Hey Danman I heading down to Myrtle Beach the week after labor day, I hope the fishing picks up by then.


----------



## Finger_Mullet (Aug 19, 2005)

*N Myrtle Beach*

My buddy is camping in North Myrtle Beach this week. He called today and said they caught a bunch of whiting last night with a few black drum mixed and a large speck. It was caught on the surf just north of Apache pier in the wash. 

Darin


----------



## surfsidesativa (Jul 14, 2006)

Been pulling in some nice pomps and really nice whiting. I only go if the conditions are close to ideal though. Looks like Mullet's are starting to school in the surf. The baitstealers (pinfish) have been thick lately. Probably heading out tomorrow and Sunday if anyone's going.


----------



## justinfisch01 (Feb 19, 2006)

surfsidesativa said:


> Been pulling in some nice pomps and really nice whiting. I only go if the conditions are close to ideal though. Looks like Mullet's are starting to school in the surf. The baitstealers (pinfish) have been thick lately. Probably heading out tomorrow and Sunday if anyone's going.


Hey nice to see you around....I will be down starting the 16th for the week by myself...well at least not with a bunch of guys that are hung over from the night b4...sorry about that last time I saw you
:--|

Probably going to be hitting the south jetty a lot of the time, but I am bringing the smallest bait rods I have to try and get a few pomps.


----------



## surfsidesativa (Jul 14, 2006)

justinfisch01 said:


> Hey nice to see you around....I will be down starting the 16th for the week by myself...well at least not with a bunch of guys that are hung over from the night b4...sorry about that last time I saw you
> :--|
> 
> Probably going to be hitting the south jetty a lot of the time, but I am bringing the smallest bait rods I have to try and get a few pomps.


What's going on Justin? Sometimes it's a bit trying to fish with people who don't know how and aren't interested in learning how. 

South Jetty's a bit far of a walk but I'll go pompano fishing if the water's pretty.


----------



## outfishin28 (Jul 15, 2005)

sativa, you just need me to give you a few lessons.



by the way, you have that rod of mine?


----------



## Southern Man (Oct 28, 2007)

surfsidesativa said:


> What's going on Justin? *Sometimes it's a bit trying to fish with people who don't know how and aren't interested in learning how. *
> 
> South Jetty's a bit far of a walk but I'll go pompano fishing if the water's pretty.


So you have been fishing with my friend down the street. 
He knows everything, funny how he never catches any fish.
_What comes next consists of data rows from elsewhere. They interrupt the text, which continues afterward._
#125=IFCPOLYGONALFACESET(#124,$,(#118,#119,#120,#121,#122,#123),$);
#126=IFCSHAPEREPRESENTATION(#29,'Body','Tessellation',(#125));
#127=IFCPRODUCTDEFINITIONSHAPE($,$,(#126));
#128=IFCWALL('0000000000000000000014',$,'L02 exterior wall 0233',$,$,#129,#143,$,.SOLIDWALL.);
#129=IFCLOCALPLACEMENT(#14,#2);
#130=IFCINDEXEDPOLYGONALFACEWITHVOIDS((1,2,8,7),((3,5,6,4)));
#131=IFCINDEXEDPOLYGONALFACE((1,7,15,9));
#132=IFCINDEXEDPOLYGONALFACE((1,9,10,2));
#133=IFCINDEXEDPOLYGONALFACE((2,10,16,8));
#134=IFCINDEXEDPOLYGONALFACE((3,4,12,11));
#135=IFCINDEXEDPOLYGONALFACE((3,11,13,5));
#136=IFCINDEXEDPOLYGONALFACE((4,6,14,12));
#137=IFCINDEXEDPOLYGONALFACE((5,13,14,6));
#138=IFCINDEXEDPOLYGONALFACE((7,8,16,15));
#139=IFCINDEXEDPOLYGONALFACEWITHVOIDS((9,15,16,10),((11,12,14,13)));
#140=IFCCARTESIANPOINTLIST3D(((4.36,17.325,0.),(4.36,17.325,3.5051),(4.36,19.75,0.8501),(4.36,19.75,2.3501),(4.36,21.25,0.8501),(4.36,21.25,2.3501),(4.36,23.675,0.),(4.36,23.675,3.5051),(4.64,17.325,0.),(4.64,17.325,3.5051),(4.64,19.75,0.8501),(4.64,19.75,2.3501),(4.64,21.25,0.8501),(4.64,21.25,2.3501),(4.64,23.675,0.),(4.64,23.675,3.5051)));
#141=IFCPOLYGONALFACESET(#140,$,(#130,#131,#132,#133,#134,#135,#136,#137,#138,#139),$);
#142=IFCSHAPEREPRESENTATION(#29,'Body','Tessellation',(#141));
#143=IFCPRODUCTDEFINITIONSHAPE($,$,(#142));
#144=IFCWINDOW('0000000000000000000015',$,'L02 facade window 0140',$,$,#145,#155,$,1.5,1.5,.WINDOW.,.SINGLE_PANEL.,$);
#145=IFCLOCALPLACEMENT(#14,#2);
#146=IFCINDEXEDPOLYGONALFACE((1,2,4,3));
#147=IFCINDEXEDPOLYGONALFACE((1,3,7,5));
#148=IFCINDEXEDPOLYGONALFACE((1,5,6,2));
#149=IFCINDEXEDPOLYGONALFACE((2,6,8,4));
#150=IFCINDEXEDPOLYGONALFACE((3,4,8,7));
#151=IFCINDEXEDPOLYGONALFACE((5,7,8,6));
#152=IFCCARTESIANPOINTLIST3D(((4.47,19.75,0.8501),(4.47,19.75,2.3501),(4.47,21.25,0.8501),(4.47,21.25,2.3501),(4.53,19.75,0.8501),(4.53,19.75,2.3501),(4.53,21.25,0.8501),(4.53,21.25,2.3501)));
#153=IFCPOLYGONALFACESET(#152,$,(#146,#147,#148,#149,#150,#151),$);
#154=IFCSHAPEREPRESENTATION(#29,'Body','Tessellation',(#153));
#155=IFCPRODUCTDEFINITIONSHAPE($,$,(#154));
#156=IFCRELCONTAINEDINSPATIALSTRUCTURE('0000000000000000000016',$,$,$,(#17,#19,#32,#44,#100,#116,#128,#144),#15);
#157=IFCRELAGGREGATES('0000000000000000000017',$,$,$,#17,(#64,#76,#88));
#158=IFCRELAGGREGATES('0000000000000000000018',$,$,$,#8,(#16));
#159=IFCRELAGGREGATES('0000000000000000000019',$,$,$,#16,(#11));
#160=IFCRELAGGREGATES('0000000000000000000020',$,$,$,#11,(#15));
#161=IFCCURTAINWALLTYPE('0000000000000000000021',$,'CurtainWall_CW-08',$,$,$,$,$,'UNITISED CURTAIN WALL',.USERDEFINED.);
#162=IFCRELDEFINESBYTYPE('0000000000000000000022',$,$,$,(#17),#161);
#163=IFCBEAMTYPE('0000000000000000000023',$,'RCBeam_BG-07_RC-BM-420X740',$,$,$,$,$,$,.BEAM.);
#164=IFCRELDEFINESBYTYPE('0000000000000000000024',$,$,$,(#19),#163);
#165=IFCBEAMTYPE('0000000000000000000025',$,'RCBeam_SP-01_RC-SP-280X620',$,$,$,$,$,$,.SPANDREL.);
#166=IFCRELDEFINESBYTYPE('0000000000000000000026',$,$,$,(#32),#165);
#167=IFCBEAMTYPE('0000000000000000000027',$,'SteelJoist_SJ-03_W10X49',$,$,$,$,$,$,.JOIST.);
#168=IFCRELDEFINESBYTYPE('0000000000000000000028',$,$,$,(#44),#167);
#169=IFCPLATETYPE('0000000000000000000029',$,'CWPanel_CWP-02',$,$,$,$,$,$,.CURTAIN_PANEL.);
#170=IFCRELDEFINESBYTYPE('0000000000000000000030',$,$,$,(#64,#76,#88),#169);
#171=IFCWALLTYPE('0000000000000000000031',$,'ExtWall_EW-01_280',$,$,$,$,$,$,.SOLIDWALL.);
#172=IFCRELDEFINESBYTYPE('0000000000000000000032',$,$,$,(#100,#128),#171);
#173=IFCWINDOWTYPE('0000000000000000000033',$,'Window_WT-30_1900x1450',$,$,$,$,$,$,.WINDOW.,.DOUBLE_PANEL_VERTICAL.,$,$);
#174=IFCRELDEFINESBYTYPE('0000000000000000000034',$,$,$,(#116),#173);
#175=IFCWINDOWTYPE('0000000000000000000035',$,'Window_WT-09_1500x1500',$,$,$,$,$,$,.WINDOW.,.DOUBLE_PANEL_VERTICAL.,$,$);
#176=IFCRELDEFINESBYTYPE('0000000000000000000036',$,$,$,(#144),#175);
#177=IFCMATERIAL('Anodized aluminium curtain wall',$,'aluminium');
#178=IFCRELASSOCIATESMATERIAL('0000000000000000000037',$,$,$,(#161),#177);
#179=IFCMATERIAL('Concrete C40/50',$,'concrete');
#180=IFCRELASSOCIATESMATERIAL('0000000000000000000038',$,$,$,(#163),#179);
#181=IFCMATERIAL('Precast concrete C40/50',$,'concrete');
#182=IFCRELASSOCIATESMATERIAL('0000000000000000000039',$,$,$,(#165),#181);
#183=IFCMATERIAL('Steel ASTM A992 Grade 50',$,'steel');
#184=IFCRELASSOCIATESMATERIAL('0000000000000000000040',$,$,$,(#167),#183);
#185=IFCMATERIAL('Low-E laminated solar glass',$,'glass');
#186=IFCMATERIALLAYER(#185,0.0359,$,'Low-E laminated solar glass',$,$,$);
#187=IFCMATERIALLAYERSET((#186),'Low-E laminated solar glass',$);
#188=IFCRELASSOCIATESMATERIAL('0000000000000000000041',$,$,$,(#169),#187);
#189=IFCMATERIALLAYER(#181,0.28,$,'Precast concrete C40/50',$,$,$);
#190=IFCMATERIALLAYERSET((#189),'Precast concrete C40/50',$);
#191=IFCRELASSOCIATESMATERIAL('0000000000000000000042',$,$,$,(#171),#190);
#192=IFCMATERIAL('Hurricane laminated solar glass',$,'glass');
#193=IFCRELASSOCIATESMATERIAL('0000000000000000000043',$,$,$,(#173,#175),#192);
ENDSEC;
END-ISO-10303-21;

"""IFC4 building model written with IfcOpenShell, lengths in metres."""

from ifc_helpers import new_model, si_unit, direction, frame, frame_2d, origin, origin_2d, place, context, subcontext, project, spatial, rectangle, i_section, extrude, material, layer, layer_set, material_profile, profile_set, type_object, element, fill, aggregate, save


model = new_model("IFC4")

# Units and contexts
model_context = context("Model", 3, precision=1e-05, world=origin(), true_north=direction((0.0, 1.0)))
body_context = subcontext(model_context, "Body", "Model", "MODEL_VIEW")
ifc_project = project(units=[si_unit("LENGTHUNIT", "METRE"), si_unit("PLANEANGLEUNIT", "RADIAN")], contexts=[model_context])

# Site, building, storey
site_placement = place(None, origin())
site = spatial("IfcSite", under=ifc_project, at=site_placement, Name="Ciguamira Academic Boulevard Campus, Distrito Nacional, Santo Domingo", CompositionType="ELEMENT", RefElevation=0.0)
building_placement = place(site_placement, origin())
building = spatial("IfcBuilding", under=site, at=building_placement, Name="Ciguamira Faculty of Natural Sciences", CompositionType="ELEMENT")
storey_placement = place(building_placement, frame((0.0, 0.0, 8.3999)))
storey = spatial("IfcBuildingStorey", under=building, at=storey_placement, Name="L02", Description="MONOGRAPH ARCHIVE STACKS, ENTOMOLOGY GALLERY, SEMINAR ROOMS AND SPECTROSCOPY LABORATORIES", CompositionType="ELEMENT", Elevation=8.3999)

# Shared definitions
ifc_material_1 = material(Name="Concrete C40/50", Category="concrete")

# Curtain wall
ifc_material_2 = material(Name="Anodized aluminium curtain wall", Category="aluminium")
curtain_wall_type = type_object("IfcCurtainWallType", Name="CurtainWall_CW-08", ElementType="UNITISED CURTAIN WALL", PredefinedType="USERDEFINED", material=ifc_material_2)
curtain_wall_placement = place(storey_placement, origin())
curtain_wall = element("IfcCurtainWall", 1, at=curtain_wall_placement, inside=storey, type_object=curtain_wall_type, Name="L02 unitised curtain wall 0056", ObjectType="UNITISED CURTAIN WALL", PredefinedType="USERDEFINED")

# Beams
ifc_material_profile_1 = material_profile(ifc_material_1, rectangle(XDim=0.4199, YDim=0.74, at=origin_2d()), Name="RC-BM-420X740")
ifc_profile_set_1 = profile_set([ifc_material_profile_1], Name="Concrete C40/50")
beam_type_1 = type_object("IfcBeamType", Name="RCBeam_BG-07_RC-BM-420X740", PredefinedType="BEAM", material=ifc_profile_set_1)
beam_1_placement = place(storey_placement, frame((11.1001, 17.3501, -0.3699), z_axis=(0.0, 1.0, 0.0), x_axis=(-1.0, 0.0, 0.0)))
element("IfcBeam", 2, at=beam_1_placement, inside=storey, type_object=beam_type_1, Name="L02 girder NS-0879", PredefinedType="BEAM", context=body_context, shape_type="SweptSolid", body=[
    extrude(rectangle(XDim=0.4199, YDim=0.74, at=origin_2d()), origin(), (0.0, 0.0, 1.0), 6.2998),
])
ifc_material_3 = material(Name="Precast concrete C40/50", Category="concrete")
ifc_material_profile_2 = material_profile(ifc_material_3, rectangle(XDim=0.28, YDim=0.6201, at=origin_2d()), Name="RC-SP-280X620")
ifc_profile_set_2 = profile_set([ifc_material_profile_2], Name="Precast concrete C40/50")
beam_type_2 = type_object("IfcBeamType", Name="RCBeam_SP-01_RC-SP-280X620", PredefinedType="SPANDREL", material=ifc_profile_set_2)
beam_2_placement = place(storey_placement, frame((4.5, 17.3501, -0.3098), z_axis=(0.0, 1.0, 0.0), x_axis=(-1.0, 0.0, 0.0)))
I do not go with him anymore he drives me nuts.


----------



## justinfisch01 (Feb 19, 2006)

surfsidesativa said:


> What's going on Justin? Sometimes it's a bit trying to fish with people who don't know how and aren't interested in learning how.
> 
> South Jetty's a bit far of a walk but I'll go pompano fishing if the water's pretty.


Yeah its real hard. It was four of us down to golf for a couple of days. We drank just about all day everyday and really did it up at night. I really wanted to fish just like I always do, it was hard because they all said they wanted to before we got there so I brought all this gear and then none of them wanted to go...I was just fine with that I like to fish a lot by myself anyway. So I told them all I would be back mid morning the night before and then they all acted like they wanted to go...It was a pain to say the least


----------



## Volfan28 (Jul 30, 2008)

Hello all. New to the board but not to fishing in the Murrells Inlet area. I am going down Saturday and coming back Monday. Will be doing alot of fishing. Surf mostly. Hopefully I can catch some pompano. Anyone going to be fishing Sat or Sunday?


----------



## outfishin28 (Jul 15, 2005)

I will be there Sun, it my teeth, or lack there of, do not hurt, the wisdoms are coming out Fri.


----------



## Volfan28 (Jul 30, 2008)

I will be at Litchfield surf fishing. Are you going to the Pier in Surfside or?


----------



## outfishin28 (Jul 15, 2005)

beach in garden city, I would go today but the Doc say's no.


----------



## Volfan28 (Jul 30, 2008)

I am down here outfishin and caught 5 whiting and 1 flying fish this morning. ITS SLOOOOOO. I am thinking of going out in a boat later today any advice?


----------



## outfishin28 (Jul 15, 2005)

north side of the Jetty. we caught a couple of whiting and a few ladyfish.


----------



## LiteTackleChamp (Jul 29, 2005)

brandon why did your doc say no, im out for a few weeks to cause of the doc?


----------



## outfishin28 (Jul 15, 2005)

wisdom teeth came out FRI. he said nNo fishing SAT. So I fished today, don't see why he said no fishing SAT., because I went out last night and everything was OK.


----------



## LiteTackleChamp (Jul 29, 2005)

ive done the wisdom teeth thing it kinda sucks, i had my appendix burst last tuesday so im down and out for a week


----------



## BubbaHoTep (May 26, 2008)

bmcox86 said:


> ive done the wisdom teeth thing it kinda sucks, i had my appendix burst last tuesday so im down and out for a week


Yeah, I'd take a week off and rest.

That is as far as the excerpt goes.